Thomson on privacy

We talked about Thomson’s “simplifying hypothesis” that the right of privacy is not a distinct right on its own but is rather derived from other rights.

Here’s an illustration of the simplifying hypothesis: privacy shows up as a subset of other rights. The hypothesis is that it only shows up within other rights and never on its own.

You might ask, “so what do all the little privacy circles have in common, such that it makes sense to use the same word for them?” I think Thomson would say that there is no illuminating answer to that question. The simplifying hypothesis simplifies the right to privacy by giving up on the attempt to identify a distinct, unified right to privacy. The idea is that it it more accurate to describe the wide array of cases we put on the board last time as instances of other rights than it is to try to squeeze them into one box.

Acquisition and use of information

Even though she despairs of a unified theory of privacy rights, Thomson does think there are some useful generalizations. For instance, some of the rights that make up what we loosely call the right to privacy are rights that limit how others can acquire private information (Thomson 1975, 307–8) while others are rights governing how others can use information (Thomson 1975, 310–12).

For example, she thinks there is a general right not to be looked at and that this right is waived by a person who is walking in the street but that it is not waived by a person who is inside her house. Consequently, if you take unusual steps to look at people in their houses, like using an x-ray machine, you violate their right to privacy. This is an example of how the right to privacy governs the acquisition of information. (Similarly, property rights convey the right to prevent others from looking at things. The privacy right derived from property rights is invaded when someone tries to defeat the normal means used to prevent others from looking at one’s property, such as keeping it in your house.)

Rights governing the use of information are trickier. Thomson says that if there is such a right, it has to be derived from the right not to be caused distress. But this seems to be a merely hypothetical point for her. She thinks the right not to be caused distress is outweighed by the freedom of the press, so there is really no privacy right against publication of information in the press (Thomson 1975, 310). And she does not think that there is a right that private individuals not gossip about you, no matter how hurtful their doing so may be (Thomson 1975, 311–12).

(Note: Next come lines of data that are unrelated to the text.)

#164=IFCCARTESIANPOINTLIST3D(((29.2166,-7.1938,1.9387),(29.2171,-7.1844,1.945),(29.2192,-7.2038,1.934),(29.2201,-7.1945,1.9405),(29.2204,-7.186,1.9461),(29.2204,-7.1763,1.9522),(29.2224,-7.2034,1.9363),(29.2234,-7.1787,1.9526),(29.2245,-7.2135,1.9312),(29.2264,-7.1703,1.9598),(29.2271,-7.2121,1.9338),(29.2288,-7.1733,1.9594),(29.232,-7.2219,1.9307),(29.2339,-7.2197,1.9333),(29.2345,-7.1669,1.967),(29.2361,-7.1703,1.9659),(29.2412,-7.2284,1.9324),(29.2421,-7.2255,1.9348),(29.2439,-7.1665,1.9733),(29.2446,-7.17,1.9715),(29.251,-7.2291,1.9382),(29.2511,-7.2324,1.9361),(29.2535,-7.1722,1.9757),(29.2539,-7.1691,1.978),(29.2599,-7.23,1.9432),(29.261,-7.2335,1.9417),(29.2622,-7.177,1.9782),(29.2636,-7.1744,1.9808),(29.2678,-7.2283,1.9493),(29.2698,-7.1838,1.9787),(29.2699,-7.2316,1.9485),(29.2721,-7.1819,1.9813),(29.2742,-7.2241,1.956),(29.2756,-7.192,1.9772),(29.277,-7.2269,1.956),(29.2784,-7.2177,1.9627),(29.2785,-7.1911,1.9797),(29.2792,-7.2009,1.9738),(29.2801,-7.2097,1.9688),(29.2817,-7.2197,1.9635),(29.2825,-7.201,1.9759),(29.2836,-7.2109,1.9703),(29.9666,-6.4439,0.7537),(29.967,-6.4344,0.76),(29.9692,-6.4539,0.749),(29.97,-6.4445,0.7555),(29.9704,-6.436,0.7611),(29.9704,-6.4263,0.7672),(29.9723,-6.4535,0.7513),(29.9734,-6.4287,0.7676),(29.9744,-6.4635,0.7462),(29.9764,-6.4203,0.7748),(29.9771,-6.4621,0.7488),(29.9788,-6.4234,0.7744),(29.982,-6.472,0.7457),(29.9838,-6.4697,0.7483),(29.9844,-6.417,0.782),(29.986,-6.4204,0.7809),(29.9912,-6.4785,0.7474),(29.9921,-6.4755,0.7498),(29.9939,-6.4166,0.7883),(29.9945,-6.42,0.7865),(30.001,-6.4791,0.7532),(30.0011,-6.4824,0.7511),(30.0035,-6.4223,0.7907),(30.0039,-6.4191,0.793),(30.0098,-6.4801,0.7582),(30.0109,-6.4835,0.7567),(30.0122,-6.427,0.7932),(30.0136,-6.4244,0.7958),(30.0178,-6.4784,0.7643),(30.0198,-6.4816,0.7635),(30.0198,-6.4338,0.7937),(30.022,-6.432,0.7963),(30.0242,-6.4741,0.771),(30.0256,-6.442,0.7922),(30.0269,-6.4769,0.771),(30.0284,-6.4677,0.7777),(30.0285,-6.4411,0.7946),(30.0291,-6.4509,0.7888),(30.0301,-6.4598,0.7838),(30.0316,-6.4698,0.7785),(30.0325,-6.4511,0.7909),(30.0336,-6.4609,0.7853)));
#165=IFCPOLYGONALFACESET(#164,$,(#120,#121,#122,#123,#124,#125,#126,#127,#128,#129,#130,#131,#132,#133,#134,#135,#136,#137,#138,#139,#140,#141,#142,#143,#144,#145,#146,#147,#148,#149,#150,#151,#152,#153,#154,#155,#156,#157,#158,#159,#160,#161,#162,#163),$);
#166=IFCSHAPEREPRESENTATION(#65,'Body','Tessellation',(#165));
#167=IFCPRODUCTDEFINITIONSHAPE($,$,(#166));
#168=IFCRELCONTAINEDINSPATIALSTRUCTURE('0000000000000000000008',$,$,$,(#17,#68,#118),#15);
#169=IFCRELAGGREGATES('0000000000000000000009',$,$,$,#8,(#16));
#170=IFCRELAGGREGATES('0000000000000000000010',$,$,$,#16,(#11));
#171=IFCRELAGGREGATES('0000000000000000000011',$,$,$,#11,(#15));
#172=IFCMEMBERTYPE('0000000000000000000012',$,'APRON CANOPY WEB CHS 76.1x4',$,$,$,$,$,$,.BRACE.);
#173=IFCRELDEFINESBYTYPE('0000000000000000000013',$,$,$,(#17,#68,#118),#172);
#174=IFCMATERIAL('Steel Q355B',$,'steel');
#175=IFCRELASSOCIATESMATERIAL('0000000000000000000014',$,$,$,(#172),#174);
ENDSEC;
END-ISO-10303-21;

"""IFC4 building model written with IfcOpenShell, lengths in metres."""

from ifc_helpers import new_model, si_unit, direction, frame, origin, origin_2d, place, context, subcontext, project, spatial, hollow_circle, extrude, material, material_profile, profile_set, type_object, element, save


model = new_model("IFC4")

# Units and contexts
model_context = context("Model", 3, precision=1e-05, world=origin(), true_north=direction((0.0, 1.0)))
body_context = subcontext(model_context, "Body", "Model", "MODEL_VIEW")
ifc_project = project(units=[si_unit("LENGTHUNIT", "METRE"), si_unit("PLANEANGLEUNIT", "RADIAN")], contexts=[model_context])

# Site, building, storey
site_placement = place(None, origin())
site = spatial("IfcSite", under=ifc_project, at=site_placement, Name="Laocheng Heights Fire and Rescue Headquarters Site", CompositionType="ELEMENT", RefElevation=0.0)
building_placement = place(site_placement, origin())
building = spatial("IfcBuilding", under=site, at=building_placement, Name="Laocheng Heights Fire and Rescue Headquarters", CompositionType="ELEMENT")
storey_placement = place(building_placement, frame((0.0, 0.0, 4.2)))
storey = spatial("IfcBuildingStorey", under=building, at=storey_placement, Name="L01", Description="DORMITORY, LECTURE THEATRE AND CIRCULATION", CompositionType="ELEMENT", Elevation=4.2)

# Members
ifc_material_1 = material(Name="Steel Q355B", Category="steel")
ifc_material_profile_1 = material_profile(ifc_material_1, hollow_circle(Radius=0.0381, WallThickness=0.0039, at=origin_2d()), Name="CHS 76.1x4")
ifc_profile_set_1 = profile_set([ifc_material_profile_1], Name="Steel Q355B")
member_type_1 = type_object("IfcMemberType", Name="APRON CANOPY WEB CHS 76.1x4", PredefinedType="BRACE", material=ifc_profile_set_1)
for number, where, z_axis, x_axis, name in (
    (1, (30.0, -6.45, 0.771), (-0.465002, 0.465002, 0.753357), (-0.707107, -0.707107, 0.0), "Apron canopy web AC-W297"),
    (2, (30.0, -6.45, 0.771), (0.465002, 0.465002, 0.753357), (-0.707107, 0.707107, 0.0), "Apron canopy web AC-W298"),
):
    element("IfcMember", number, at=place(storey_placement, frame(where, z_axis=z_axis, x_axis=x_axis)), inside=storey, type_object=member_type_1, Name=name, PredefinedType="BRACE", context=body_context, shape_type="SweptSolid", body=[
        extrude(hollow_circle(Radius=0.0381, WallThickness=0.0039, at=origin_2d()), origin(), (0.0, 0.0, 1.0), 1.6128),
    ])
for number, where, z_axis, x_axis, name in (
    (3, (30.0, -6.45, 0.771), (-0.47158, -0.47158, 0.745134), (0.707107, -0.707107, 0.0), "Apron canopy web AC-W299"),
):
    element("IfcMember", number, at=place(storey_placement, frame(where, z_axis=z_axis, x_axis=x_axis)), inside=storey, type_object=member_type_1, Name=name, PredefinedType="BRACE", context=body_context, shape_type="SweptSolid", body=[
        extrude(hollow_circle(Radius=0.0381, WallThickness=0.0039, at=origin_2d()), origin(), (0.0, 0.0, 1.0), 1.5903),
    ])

So there is space in Thomson’s analysis for the cases that Warren and Brandeis thought were central, namely, rights to control the publication of personal information. But it is merely logical space for her.

Our discussion

We were not happy at all with either of the more general rights that, Thomson claimed, the right to privacy is derived from.

Leah did not think there is any such right as the right not to be looked at. She thinks it goes the other way around: the right to privacy explains when you can’t be looked at, not that there is a right not to be looked at that is not waived only when you are in private.

Gabe and others were unhappy about the right not to be caused distress. We settled on a nice way of making the point. I might cause you distress in lots of ways. For instance, I could deliver bad news or I could publish your diary on the internet. No one thinks the first is a violation of your rights, so it is reasonable to think that there are rights against certain ways of being caused distress rather than one general right against being caused distress. Sydney proposed a nice alternative: there is a right against being bullied. That sounds a lot better.

My contribution to the discussion was to say that I did not think the right to privacy had to be derived from the right not to be caused distress. The right to privacy is valuable because it enables us to avoid being caused distress and we are distressed when it is violated. But it doesn’t follow that the right is derived from the right not to be caused distress. I proposed an analogy with property rights. It is valuable to us to have property rights that give us exclusive control over material things. But property rights do not lapse when the things we own are not important to us. To put it another way, my rights to control material things do not have to be derived, so why does the right to control private information have to be derived? At least, that is what Warren and Brandeis would ask.

Key concepts

  1. Thomson’s simplifying hypothesis.
  2. The relationship between Warren and Brandeis’s views and Thomson’s.


Thomson, Judith Jarvis. 1975. “The Right to Privacy.” Philosophy & Public Affairs 4 (4): 295–314.